Lisowicia

An illustration of an extinct synapsid, a reptile-like relative of mammals. It has a build like an elephant, with a large chunky body and fully upright limbs. Its short deep snout ends in a turtle-like beak.

Dicynodonts were a group of herbivorous animals with toothless beaks and protruding tusks, part of the synapsid lineage and much closer related to mammals than to reptiles.
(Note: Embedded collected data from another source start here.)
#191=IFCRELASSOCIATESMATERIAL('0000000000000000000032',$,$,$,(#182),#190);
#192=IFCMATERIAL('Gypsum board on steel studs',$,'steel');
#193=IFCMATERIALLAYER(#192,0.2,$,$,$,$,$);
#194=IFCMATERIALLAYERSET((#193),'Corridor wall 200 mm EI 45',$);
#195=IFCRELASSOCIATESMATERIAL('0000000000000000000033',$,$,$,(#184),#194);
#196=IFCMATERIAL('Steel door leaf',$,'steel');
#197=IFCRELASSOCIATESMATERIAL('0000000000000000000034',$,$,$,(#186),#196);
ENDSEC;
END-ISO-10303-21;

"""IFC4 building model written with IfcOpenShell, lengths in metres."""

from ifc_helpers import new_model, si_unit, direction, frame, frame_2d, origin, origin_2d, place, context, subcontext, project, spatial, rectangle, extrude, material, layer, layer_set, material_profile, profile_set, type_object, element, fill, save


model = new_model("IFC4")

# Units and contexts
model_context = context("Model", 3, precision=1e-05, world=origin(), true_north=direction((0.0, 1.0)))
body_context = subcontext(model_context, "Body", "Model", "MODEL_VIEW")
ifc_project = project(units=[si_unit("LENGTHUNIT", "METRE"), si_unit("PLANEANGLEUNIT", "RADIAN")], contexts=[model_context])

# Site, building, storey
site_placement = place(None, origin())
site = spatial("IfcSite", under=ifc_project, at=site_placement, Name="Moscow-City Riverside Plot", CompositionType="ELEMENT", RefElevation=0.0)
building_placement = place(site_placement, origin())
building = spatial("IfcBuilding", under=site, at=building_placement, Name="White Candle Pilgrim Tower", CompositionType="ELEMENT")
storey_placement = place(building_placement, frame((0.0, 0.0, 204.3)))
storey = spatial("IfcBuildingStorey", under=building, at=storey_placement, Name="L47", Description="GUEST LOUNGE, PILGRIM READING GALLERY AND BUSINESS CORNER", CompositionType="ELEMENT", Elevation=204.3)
They were some of the most successful and widespread land vertebrates from the Late Permian to the Middle Triassic, with one genus even briefly taking over the world in the aftermath of the End-Permian mass extinction event.
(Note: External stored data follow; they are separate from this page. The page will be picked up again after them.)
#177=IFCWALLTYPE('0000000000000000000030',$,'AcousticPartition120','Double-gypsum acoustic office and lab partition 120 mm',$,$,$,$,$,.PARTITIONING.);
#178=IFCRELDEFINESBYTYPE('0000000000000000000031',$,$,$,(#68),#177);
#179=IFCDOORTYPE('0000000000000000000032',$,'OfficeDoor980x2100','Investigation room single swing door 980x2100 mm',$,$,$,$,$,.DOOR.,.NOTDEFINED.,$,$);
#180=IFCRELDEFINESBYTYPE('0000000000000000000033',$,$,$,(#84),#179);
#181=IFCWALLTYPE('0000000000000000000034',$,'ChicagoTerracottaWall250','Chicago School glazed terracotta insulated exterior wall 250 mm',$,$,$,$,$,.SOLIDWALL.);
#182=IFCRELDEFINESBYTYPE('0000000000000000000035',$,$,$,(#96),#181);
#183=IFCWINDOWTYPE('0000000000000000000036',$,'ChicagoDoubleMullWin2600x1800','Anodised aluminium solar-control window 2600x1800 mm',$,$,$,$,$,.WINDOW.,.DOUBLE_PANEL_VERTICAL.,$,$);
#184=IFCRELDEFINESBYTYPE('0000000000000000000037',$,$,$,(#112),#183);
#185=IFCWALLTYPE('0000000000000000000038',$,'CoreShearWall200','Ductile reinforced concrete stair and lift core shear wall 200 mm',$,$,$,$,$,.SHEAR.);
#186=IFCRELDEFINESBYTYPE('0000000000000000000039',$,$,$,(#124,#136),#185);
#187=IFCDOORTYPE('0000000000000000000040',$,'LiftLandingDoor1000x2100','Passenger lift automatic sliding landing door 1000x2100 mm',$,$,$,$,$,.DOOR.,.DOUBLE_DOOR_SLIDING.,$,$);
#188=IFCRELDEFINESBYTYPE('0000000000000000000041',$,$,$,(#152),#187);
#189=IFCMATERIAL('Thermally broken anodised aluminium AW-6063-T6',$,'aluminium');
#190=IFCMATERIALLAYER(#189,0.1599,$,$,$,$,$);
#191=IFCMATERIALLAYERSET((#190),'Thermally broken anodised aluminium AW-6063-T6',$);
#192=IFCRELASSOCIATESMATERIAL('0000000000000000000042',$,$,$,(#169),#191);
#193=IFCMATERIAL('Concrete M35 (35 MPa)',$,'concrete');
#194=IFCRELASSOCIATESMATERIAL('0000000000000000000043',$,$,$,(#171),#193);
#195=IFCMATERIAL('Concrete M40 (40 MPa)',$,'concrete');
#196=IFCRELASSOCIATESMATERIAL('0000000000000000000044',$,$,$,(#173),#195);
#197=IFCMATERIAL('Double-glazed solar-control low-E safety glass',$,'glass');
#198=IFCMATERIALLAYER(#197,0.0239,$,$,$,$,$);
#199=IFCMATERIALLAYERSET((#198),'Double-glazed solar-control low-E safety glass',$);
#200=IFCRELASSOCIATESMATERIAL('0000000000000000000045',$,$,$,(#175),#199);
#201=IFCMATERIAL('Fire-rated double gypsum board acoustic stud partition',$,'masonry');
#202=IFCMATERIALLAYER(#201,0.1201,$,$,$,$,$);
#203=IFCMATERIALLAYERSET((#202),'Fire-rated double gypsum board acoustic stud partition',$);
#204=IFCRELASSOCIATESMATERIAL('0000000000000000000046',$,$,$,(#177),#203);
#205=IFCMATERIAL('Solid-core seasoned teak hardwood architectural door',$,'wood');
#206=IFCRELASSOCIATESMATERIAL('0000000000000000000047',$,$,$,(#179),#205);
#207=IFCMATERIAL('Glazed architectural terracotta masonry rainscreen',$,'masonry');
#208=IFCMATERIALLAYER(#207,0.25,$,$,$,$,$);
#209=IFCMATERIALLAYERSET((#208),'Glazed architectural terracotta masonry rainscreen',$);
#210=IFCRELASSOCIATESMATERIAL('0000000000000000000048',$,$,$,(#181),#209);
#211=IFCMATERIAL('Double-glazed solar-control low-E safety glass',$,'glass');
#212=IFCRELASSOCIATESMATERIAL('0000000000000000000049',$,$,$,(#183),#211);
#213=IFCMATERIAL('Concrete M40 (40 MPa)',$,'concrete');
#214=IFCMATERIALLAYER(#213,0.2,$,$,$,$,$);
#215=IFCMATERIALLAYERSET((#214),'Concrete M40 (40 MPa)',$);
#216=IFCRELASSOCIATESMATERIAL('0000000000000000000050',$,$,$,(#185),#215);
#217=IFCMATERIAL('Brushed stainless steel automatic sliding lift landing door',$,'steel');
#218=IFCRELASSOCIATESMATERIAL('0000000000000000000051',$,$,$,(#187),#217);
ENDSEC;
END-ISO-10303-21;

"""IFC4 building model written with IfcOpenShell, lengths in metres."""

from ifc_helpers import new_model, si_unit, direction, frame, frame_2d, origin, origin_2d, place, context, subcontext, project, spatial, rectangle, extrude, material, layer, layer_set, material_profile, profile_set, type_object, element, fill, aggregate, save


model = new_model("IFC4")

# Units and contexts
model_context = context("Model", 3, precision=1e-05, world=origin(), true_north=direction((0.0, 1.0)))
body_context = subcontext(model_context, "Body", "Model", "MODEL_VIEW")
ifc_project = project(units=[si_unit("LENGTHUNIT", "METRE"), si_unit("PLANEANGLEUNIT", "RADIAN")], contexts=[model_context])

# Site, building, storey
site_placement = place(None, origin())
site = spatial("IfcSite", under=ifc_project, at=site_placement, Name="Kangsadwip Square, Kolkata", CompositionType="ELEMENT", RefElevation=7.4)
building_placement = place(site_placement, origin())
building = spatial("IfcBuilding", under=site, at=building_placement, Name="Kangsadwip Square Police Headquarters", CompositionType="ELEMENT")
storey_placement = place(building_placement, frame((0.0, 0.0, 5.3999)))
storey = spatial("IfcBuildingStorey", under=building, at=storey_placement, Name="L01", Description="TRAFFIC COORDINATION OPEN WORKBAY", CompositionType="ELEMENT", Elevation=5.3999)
And it turns out some of them got very big.

Fossils of a surprisingly large dicynodont were first reported in 2008, but it wasn’t until just recently (in late 2018) that this giant creature was finally given an official name – Lisowicia bojani.

Close in size to a modern elephant, at around 2.6m tall (8′6″) and 4.5m long (14′9″), it was by far the largest known example of its kind to have ever lived. And while most other dicynodonts had upright hindlimbs and sprawling forelimbs, Lisowicia seems to have developed a fully upright posture much more similar to that of quadrupedal dinosaurs and modern mammals.

It was also one of the very last of its kind, living during the Late Triassic of Poland, about 208 million years ago (although there was a possible later survivor in Australia). This was around the same time that early sauropod dinosaurs were likewise first starting to experiment with gigantism, suggesting that both groups were convergently evolving to exploit newly-available ecological niches.